• Scooters au Mude – Musée du Design

    Par Jean-Louis Fréchin.

    Le Musée de la mode et du Design de Lisbonne présente actuellement une très belle exposition sur les Scooters.

    Scooter Mors, design par Jean Henri Labourdette.

    Scoot toujours….

    Le scooter est né en Italie de la reconversion par Paggio d’un stock de démarreurs de moteur d’avions et de roues de trains d’atterrissage après la guerre en 1946. Véhicule économique, plus proche de la voiture que de la moto, il reçoit le nom de Vespa, « guêpe » en italien. Il est bientôt suivi par Innocenti, entreprise métallurgiste, avec le Lambretta…

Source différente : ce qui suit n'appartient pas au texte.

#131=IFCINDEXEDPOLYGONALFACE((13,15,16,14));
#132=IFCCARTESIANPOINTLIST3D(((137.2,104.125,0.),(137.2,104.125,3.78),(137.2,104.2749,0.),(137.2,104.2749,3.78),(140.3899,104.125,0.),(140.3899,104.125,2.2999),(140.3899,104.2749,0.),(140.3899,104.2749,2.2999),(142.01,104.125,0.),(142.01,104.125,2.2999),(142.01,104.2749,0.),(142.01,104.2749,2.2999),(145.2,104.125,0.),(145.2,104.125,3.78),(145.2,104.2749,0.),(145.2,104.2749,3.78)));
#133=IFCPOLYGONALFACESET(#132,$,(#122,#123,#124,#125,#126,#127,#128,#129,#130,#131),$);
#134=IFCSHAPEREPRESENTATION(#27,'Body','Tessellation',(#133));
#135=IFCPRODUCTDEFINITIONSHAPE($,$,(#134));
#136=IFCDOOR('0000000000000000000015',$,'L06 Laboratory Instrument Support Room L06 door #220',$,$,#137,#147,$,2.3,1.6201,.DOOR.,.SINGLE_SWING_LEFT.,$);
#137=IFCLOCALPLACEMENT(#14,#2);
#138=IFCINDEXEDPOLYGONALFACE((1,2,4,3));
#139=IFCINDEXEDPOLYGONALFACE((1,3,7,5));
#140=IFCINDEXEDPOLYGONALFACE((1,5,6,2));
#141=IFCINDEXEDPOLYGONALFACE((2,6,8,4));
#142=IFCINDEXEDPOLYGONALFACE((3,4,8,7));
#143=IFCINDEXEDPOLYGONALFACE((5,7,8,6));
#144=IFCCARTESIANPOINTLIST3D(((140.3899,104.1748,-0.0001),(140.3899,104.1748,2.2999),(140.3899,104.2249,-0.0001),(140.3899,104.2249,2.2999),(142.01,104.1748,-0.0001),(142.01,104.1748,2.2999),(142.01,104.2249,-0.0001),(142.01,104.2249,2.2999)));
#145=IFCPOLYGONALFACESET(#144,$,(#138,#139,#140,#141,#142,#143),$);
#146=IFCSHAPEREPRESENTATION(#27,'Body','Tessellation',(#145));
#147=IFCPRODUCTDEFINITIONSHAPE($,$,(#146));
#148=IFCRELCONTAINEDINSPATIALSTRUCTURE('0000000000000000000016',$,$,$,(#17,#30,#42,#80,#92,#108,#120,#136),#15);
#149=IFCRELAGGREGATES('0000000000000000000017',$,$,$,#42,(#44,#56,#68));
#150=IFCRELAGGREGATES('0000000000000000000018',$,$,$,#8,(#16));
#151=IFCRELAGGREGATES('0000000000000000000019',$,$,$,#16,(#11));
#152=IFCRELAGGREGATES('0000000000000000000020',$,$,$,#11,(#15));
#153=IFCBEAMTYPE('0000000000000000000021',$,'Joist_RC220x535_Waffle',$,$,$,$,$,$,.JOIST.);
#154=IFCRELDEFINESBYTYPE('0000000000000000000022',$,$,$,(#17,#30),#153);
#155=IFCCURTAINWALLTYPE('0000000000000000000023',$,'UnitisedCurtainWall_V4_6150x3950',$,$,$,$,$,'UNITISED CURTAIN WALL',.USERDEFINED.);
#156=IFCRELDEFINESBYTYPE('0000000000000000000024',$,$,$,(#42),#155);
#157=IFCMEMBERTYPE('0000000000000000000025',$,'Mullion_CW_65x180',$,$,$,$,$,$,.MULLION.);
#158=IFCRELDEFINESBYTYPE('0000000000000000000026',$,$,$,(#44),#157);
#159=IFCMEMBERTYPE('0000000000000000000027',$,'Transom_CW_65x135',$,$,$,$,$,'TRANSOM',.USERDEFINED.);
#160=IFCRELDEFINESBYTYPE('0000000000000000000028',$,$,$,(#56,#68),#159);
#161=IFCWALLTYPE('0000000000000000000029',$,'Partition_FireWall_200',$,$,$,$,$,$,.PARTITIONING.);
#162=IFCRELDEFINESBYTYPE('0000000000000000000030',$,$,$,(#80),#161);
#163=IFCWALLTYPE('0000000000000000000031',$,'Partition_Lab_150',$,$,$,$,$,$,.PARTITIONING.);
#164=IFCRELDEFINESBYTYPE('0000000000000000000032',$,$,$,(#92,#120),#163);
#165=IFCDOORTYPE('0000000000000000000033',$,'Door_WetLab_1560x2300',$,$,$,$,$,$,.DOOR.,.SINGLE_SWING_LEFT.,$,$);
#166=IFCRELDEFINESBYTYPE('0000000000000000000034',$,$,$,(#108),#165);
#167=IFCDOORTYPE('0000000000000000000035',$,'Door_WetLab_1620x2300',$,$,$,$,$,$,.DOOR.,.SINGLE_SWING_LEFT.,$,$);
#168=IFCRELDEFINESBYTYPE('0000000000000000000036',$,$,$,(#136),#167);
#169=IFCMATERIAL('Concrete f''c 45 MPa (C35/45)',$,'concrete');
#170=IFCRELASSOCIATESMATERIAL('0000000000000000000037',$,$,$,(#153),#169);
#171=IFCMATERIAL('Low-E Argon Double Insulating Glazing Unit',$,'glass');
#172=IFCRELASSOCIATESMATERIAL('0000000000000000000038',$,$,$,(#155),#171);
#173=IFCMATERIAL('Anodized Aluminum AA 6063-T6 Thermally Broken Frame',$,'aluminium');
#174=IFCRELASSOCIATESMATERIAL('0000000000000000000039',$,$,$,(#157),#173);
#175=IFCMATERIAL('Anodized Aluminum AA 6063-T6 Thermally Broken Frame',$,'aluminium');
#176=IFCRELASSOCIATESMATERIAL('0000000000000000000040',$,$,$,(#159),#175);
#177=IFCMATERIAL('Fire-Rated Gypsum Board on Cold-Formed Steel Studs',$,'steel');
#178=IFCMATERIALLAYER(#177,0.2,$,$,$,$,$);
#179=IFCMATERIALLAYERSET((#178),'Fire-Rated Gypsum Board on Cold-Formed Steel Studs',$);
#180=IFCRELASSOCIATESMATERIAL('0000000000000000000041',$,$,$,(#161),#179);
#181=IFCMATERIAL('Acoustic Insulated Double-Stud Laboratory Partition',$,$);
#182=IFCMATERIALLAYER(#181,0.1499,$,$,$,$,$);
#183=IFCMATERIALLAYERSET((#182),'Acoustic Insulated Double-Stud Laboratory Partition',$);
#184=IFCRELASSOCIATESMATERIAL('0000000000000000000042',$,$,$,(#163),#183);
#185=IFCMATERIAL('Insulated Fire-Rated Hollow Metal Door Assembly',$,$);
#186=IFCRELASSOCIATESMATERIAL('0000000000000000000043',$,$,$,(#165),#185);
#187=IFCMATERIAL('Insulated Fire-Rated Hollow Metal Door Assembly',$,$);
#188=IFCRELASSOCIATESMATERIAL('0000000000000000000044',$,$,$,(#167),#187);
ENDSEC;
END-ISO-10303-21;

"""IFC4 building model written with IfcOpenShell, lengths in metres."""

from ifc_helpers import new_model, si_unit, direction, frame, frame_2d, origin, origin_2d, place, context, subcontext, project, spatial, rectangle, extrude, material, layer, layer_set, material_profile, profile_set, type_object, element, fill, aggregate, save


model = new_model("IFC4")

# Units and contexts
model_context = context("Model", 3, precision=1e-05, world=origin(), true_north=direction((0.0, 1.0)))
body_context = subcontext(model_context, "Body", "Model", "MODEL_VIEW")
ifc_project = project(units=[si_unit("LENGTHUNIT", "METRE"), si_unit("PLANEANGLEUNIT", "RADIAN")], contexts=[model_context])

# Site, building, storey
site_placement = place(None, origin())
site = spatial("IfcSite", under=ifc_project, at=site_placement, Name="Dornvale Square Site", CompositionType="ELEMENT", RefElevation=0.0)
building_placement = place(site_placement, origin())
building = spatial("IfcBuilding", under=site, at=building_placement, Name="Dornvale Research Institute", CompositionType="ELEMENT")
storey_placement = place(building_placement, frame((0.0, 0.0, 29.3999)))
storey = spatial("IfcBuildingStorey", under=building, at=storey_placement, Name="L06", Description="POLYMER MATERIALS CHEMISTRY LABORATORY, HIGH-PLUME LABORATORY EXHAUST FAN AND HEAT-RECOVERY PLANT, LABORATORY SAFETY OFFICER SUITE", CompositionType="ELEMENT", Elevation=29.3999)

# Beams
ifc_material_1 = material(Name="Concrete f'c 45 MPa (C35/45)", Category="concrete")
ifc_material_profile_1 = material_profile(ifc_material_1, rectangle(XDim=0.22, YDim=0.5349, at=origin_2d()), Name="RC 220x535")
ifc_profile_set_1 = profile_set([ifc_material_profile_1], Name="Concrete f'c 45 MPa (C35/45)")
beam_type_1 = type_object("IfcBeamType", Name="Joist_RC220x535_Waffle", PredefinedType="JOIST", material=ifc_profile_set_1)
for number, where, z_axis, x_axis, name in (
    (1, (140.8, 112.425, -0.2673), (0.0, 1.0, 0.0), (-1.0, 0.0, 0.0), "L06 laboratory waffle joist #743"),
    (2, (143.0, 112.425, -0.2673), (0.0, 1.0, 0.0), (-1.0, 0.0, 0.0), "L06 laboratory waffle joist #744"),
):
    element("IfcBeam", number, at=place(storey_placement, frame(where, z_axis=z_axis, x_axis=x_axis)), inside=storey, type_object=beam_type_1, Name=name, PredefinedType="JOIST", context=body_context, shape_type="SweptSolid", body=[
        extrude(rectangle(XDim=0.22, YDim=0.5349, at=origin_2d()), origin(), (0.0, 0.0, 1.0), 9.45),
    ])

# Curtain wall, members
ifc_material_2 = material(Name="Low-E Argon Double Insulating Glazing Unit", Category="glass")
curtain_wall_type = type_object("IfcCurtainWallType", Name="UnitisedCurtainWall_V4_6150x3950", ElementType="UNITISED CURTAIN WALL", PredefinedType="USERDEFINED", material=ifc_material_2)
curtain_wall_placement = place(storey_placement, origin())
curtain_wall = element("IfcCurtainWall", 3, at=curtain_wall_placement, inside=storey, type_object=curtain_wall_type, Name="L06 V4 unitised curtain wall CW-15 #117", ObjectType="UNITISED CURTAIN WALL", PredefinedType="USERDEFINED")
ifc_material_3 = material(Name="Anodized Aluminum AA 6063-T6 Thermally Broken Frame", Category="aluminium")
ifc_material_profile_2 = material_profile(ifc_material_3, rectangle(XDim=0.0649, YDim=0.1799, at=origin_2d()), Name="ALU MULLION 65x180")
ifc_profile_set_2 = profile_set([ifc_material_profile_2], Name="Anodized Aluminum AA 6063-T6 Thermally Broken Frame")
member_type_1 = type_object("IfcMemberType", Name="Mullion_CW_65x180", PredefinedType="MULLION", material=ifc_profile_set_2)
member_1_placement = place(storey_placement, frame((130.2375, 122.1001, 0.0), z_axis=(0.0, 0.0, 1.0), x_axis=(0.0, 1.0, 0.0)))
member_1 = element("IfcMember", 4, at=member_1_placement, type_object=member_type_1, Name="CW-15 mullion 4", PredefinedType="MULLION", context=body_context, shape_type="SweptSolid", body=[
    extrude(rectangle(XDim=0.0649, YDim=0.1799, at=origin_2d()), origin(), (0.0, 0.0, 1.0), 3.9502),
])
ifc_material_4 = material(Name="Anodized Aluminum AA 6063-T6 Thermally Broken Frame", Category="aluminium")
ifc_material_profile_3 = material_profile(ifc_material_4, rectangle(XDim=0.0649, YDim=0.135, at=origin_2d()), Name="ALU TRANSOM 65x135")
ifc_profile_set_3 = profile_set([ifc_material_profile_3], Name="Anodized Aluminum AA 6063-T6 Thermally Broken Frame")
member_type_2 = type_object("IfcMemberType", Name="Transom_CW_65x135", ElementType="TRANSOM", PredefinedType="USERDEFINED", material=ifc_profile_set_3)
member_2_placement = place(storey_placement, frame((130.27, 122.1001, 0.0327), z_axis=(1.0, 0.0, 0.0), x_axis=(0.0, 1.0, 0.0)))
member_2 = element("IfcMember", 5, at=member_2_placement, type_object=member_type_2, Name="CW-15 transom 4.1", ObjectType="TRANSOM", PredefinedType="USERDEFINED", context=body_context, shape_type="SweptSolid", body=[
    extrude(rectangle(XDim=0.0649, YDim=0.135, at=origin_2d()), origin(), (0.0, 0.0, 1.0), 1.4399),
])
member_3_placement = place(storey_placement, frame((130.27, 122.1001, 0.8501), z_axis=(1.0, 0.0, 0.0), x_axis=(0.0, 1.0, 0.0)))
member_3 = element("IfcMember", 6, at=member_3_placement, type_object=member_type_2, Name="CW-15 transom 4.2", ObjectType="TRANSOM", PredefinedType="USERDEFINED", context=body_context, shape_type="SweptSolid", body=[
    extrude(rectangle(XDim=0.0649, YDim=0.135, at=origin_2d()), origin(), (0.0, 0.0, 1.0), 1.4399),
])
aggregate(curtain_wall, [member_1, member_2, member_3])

    Pas très stables, capables de transporter deux personnes et des bagages, et faciles à utiliser, de silhouette séduisante, ils remportent un immense succès à la fin des années 50, permettant l’accès à la mobilité notamment aux femmes et aux jeunes filles.

    Montrer, Mostra

    L’exposition au Musée de Lisbonne MUDE est réussie à plusieurs égards.

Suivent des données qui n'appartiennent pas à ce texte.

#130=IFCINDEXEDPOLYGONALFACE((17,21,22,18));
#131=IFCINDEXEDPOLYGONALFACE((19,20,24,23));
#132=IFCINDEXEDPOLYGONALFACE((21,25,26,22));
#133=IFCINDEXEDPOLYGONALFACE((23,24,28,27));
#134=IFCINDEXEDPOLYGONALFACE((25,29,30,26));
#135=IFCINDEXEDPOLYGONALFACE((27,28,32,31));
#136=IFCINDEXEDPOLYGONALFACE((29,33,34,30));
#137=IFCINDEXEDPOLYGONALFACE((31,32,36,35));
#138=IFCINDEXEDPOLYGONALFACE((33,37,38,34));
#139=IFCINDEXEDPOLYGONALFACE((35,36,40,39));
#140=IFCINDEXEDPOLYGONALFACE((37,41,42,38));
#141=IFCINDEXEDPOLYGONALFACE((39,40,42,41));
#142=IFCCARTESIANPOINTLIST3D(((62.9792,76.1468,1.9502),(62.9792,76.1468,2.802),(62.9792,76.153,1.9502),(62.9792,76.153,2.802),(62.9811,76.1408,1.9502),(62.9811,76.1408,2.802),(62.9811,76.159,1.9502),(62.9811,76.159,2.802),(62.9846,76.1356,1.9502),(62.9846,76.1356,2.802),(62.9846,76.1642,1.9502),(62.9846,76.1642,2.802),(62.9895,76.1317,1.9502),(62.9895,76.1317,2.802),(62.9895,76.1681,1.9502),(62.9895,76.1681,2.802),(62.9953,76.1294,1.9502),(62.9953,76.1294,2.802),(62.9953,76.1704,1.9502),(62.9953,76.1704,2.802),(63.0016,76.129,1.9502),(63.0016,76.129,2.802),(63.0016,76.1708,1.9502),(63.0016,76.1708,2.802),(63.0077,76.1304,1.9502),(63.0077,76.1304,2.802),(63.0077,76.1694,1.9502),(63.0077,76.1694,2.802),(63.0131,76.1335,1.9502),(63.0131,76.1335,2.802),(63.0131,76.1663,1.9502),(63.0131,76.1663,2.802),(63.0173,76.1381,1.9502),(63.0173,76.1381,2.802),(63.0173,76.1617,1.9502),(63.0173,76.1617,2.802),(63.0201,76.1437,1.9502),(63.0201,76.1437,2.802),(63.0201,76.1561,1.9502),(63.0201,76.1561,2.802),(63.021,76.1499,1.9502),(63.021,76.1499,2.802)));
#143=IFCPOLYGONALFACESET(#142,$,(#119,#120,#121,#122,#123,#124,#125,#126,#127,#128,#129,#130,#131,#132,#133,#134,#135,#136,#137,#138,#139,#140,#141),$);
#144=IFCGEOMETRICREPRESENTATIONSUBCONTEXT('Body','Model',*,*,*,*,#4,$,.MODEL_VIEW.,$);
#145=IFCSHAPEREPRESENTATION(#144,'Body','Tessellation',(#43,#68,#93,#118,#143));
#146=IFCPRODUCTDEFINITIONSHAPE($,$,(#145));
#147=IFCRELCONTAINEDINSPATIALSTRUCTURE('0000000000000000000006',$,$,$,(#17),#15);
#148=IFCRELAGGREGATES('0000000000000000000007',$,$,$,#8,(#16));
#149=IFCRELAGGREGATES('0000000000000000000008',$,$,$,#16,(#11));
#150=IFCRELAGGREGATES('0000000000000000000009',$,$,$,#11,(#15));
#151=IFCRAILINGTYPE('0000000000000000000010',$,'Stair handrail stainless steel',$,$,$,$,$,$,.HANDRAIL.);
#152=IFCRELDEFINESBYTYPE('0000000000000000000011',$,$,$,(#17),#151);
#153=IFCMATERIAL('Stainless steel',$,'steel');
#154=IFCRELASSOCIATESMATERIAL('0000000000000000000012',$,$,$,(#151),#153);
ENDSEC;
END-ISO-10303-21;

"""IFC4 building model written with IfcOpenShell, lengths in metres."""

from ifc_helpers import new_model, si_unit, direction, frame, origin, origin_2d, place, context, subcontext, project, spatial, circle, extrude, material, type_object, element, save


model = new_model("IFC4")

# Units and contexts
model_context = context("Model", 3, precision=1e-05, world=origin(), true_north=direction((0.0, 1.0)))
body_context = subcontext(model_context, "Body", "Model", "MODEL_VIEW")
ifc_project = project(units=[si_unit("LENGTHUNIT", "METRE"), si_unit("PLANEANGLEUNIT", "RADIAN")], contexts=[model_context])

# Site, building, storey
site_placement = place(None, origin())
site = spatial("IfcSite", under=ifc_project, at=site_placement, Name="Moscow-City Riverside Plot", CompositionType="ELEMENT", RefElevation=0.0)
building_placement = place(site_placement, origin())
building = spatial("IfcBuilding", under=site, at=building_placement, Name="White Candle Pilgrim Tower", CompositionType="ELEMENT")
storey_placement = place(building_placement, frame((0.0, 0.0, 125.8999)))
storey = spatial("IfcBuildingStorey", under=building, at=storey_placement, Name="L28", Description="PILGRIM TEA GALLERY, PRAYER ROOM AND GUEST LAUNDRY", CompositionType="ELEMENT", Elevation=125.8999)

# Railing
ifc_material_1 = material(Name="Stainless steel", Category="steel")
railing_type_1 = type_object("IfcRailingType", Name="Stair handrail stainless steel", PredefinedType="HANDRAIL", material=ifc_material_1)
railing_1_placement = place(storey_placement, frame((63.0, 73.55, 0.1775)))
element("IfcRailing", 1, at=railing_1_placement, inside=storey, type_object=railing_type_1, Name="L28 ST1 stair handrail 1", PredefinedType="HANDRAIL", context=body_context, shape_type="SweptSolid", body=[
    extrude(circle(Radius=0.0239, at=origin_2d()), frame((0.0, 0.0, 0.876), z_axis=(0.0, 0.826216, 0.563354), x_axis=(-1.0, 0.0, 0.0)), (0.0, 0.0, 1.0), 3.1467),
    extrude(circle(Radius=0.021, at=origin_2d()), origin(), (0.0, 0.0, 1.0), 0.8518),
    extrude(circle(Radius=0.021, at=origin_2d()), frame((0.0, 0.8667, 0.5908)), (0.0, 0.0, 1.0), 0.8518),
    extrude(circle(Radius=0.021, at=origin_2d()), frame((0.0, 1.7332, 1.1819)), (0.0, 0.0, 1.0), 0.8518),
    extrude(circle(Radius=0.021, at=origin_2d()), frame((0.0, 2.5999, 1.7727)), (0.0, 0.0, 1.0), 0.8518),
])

    Elle est basée sur la collection exceptionnelle d’un « amateur » portugais, Joao Seixas. Sa passion l’a conduit à constituer cette collection de Scooters vendu ou importé pour la plupart d’entre eux au Portugal. A partir de souvenir, des importations sur le marché portugais, la dimension nationale est donc présente, elle tisse un fil avec l’histoire du pays et des gens. Joao Seixas, homme de culture a bien connu l’icône du design portugais: Daciano da costa que j’ai eu la chance de rencontrer lors d’une conférence sur l’avenir des deux roues au Portugal…, il y a une quinzaine d’années.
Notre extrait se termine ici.